In this article, we will discuss the altered aspects of nutrition and training routine to conquer muscle building in your 40s:
Some Changes to Make To Your Training
At this point in life, be mindful that your body will be more susceptible to injuries, so here are some changes you need to make to your training routine:
a) Warm up for at least 15 minutes before weight lifting to increase core temperature and blood flow.
b) Keep repetition in a moderate to high range. For upper body exercises, 8-12 reps, and for lower body, 12-20 is enough.
c) As you age, the stabiliser muscles weaken, leaving tendons, and ligaments open to injury. To avoid this risk, make use of free weights and machines.
d) Poor form can easily cause injury at this age, so make sure your posture is perfect.
e) At this age, you might have to decrease your gym commitments and increase the rest period between workouts. Also, keep your training session to 40 minutes or less. Nothing more than that.
Let’s Start With Nutrition
Some significant nutritional changes are required, to make your exercise regimen effective for building muscles.
As your body isn’t as energetic as it was once, so your carbs and calories intake will have to be cut down. You should eat at a slight surplus to maximise muscle gain with minimal fat gain.
By focusing on your carbohydrate intake before and after your workout, you can make the most of the rebuilding period after the workout.
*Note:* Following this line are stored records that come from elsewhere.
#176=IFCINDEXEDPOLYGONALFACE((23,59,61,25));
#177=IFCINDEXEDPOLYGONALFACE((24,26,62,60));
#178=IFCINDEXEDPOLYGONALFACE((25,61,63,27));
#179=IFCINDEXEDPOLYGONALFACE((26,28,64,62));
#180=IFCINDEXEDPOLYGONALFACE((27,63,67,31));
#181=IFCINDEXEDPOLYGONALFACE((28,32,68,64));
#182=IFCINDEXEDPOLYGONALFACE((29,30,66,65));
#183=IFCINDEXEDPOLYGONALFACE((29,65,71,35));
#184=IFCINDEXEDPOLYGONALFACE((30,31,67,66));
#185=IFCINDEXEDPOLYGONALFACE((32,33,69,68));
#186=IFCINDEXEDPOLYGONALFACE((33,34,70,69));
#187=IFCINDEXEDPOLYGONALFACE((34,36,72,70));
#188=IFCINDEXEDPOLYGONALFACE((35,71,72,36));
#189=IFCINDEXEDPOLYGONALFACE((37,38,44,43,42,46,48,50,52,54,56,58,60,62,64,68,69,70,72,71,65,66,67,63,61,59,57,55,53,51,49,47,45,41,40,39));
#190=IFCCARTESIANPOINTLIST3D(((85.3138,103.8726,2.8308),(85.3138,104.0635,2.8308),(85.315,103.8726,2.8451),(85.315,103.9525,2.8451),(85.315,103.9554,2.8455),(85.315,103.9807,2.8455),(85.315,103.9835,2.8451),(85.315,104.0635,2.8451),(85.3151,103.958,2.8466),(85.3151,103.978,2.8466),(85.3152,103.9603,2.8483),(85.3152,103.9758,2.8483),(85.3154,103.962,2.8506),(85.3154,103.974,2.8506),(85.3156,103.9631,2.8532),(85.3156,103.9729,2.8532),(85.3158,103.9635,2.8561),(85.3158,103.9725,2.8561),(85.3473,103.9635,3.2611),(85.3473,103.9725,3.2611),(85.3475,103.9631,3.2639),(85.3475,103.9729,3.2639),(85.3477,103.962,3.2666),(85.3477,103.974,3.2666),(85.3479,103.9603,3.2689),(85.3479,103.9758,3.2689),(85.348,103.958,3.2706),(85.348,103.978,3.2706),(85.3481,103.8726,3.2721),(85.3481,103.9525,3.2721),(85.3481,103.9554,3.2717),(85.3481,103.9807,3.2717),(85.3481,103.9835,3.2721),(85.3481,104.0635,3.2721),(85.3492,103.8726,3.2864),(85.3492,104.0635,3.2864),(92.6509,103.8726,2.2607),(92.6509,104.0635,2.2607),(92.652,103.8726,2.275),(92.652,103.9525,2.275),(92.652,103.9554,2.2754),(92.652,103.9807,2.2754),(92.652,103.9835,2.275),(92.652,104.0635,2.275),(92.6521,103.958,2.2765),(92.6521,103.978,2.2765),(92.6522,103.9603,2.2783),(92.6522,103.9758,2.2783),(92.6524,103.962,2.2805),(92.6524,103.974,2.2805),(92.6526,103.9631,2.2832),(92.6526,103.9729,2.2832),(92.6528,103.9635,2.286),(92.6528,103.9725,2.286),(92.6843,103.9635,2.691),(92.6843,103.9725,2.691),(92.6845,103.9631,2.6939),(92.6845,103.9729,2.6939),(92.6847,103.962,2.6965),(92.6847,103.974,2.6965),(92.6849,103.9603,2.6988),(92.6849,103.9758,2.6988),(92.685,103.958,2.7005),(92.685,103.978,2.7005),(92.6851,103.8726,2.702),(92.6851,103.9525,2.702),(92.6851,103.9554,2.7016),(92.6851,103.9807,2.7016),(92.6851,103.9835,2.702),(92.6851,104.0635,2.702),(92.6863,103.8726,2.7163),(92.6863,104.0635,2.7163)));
Include healthy fats in your diet, because at this age, cholesterol is an issue for most people.
Cardio Is Critical
As we mentioned earlier, your metabolism is slowing as you age, so it is very important to include cardio in your training routine.
Cardio helps keep your body fat in check.
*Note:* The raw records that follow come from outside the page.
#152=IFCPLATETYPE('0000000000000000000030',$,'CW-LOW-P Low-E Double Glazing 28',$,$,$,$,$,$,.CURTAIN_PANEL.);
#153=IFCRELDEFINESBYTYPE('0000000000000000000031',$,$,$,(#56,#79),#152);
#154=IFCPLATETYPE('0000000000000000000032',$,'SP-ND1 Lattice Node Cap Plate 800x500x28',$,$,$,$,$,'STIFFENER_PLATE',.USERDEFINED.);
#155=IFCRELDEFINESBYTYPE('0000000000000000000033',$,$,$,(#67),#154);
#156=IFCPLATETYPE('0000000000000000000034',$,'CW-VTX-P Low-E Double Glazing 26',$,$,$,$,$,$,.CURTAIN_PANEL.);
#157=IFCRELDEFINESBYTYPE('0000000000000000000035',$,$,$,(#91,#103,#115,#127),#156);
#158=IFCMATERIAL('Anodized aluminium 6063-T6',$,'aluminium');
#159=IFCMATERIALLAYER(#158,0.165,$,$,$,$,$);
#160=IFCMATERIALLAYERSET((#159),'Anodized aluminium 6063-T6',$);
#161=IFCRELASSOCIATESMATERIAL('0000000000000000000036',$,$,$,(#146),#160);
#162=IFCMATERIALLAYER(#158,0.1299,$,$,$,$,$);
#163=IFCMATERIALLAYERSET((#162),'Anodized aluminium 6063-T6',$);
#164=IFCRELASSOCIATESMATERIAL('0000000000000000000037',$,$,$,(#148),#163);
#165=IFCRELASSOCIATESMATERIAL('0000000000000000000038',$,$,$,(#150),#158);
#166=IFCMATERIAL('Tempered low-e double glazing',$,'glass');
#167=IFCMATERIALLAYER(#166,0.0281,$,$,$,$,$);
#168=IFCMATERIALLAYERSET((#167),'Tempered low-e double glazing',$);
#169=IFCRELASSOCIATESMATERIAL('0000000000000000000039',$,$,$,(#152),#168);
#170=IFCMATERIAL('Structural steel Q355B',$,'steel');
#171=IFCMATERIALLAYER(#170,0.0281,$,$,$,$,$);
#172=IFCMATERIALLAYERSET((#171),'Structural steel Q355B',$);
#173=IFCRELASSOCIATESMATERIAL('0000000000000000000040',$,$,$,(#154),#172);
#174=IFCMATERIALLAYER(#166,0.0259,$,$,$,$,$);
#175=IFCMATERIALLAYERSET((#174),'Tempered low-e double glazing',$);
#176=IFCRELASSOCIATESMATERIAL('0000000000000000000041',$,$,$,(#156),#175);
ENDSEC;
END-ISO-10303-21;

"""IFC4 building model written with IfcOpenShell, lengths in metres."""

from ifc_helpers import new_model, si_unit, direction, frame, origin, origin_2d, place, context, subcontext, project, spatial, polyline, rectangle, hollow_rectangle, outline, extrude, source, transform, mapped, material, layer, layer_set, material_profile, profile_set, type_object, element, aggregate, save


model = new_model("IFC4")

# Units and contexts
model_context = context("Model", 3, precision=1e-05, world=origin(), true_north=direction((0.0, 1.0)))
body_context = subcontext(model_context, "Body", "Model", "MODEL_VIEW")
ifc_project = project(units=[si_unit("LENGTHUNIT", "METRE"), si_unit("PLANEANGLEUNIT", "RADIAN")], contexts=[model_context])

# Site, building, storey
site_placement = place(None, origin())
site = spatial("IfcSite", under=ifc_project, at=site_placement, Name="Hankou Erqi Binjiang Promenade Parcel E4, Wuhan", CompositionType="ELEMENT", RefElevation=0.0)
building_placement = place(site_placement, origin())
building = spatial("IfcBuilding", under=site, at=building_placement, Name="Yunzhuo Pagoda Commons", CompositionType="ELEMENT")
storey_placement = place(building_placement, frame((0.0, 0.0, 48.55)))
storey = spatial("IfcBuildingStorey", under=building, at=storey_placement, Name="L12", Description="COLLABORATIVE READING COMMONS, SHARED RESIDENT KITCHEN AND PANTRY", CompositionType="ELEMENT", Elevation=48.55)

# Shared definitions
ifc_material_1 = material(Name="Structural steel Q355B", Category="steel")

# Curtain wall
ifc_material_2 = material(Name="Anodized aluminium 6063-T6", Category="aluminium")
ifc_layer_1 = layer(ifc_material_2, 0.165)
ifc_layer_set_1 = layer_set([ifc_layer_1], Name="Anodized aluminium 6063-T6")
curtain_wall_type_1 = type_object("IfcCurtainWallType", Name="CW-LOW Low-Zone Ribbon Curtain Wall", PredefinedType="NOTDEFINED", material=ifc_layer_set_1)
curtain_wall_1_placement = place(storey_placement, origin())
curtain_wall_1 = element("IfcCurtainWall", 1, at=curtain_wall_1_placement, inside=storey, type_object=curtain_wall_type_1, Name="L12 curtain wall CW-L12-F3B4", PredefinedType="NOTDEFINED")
You also want a strong and healthy heart to live longer and healthier, so include 3-4, 20-30 minutes of low intensity cardio sessions, within a week, in your training routine.
Running can be strenuous on your knees and joints so you can compensate it with walking or jogging.
Stay away from running on the pavement, as it can be tough on the knees; its best to use the treadmill or rubber track instead.
To gain muscle size, you need to include strength-training exercises. You can start holding dumbbells when performing squats to build muscle in your glutes, hamstrings, and quads.
Avoid focusing on only one part of your body as it can result in postural difficulties and strength imbalances.
The goal of your routine should be to keep lifting until your muscles fatigue.
To build muscle effectively then you need to start incorporating the following exercises: Bent over rows, flyes and triceps kickbacks, dumbbell curls, crunches, planks and pushes.
For best results, you may do strength training and cardio workouts alternatively, or opt for one training plan including both, and performing it on alternate days.
At any age, muscle building isn’t difficult and at 40, it is as achievable as ever.
Depending on your routine, you may have to make significant lifestyle changes, but if you are determined, you can achieve it without much trouble.